Ces enfants, victimes des horreurs de la guerre et dont les conséquences physiques et psychologiques affecteront fortement leur développement.

« Il n’y a pas de guerre propre », rappelait un militaire dans un entretien télévisé. Les civils paient toujours un lourd tribut à la guerre, mais ce sont les enfants qui souffrent le plus, car tous leurs droits sont bafoués : droit à la santé, à la nourriture, à l’éducation, mais aussi droit au respect.

Le philosophe a dit : « Le passé doit éclairer l’avenir ». Mais au XXIe siècle, qu’avons-nous retenu des terribles conflits qui ont marqué le XXe siècle ? Du génocide arménien où les enfants ont assisté aux massacres de leurs parents, à la boucherie de 14-18 où des milliers d’enfants ont vu partir leur père, sans parler de la dernière guerre mondiale où des milliers d’enfants ont été exterminés dans les chambres à gaz, et que d’autres ont assisté à l’arrestation de leurs parents. Oui, qu’avons-nous retenu ?

Nul ne guérit de son enfance et le poids sera lourd à porter tout au long de la vie.

Je me souviens d’une confidence de la fille d’un ancien déporté. Elle  avait demandé à sa meilleure amie si son père criait souvent la nuit. Son amie lui répondit : « Mon père ne crie pas, il est gentil ». Elle ignorait à l’époque pourquoi son père faisait des cauchemars toutes les nuits… Comme nous tous, enfants d’anciens déportés, elle a porté seule son fardeau.

Alors, si les dirigeants sont incapables de préserver l’avenir d’enfants qui seront les adultes de demain, que les femmes, qui ont donné la vie, se mobilisent contre la guerre et pour la paix entre les peuples ! Notre devoir n’est-il pas d’assurer un avenir serein à ce que nous avons de plus cher au monde, nos enfants ? Il est de notre responsabilité de faire respecter leur innocence et de les protéger.

Selon un rapport de l’Unicef, l’année 2023 a été une année terrible avec plus de 450 millions d’enfants vivant dans les zones de conflits.

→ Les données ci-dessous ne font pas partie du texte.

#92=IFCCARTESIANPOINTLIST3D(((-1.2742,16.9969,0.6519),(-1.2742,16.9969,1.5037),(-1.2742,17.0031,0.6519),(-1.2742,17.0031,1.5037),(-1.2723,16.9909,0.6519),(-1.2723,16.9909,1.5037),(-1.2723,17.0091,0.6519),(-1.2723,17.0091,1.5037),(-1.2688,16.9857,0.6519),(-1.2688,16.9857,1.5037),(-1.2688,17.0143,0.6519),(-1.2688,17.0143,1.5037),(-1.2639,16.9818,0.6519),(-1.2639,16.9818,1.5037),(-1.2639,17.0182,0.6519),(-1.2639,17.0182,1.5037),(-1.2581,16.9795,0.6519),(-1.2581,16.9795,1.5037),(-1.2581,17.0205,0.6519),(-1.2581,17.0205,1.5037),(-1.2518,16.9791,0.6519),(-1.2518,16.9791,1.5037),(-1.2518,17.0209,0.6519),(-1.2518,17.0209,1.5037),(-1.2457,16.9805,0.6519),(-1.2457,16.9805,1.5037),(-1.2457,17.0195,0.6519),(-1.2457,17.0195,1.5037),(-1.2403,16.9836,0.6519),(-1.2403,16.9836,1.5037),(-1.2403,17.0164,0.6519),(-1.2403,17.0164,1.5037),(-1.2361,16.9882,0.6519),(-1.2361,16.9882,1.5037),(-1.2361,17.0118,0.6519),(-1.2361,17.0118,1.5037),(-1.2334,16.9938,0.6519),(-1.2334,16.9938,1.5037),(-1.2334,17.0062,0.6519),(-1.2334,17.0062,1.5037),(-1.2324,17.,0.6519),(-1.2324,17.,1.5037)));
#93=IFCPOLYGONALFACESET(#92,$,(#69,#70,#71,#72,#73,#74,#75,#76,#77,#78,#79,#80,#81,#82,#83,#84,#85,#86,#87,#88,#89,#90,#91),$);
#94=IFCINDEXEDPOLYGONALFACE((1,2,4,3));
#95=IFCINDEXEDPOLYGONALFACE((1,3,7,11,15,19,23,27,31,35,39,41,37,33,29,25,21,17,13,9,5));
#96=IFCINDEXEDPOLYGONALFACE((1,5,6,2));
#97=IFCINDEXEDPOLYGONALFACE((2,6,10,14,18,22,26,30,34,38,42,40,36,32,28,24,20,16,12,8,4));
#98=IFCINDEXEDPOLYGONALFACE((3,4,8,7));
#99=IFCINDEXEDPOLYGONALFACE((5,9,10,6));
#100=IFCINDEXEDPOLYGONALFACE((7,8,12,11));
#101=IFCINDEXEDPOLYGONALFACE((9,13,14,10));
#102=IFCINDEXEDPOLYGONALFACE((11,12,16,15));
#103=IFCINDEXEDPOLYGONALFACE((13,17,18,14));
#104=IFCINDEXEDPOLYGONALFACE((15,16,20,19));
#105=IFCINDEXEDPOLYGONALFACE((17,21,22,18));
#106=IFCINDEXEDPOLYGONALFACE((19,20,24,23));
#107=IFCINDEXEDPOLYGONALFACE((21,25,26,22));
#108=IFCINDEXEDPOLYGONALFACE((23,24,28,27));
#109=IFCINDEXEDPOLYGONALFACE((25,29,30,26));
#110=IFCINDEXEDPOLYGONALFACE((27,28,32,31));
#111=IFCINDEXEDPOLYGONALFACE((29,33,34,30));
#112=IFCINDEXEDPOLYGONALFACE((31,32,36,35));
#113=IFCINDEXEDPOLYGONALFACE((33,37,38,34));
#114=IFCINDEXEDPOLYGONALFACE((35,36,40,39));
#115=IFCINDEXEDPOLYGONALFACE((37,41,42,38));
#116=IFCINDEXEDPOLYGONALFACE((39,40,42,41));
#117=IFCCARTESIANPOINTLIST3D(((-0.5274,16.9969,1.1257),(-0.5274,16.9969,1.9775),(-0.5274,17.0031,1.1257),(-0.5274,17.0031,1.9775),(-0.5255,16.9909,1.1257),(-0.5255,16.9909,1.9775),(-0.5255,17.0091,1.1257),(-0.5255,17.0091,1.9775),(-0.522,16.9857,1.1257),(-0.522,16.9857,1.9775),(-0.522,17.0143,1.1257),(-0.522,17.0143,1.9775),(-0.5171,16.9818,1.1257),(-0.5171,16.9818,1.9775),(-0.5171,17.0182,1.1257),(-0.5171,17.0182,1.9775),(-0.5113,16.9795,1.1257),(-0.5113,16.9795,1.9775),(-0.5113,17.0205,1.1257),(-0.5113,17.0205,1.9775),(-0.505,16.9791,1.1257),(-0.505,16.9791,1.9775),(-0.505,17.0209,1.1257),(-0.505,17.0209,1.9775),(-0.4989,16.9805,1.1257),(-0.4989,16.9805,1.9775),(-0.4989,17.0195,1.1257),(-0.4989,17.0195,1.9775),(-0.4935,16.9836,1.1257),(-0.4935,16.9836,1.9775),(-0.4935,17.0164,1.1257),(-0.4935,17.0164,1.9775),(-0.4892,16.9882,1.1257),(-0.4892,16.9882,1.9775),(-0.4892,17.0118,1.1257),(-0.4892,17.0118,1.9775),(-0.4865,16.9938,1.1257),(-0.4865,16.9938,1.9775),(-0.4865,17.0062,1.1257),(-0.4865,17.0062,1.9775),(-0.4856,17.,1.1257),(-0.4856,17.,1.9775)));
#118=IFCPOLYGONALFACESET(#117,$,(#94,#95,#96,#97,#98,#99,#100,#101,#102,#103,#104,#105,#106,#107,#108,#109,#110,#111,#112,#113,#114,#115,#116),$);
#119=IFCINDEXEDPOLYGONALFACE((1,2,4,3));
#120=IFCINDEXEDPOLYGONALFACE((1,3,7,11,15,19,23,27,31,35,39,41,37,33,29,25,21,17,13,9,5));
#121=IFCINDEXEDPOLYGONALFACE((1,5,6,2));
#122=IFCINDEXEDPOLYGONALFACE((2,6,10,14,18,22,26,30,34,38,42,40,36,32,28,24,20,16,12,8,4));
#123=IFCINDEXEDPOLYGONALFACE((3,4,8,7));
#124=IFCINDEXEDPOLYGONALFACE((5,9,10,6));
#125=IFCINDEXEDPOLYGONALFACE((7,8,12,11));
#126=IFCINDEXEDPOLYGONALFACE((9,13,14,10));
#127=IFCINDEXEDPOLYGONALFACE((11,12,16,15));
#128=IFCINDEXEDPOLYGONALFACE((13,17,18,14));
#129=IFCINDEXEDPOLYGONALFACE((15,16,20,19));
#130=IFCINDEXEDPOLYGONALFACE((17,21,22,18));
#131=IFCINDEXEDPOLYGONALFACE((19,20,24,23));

Ce chiffre ayant doublé en une décennie ! Pire encore : c’est le chiffre le plus élevé depuis la Seconde Guerre mondiale. Avec l’intensification des affrontements armés, l’année 2024 s’avère bien plus alarmante.

Alors, en 2025, faisons un rêve : souhaitons la fin des conflits permettant ainsi à tous les enfants du monde, sans distinction d’origine, de religion ou de philosophie, de vivre pleinement l’insouciance de leur enfance.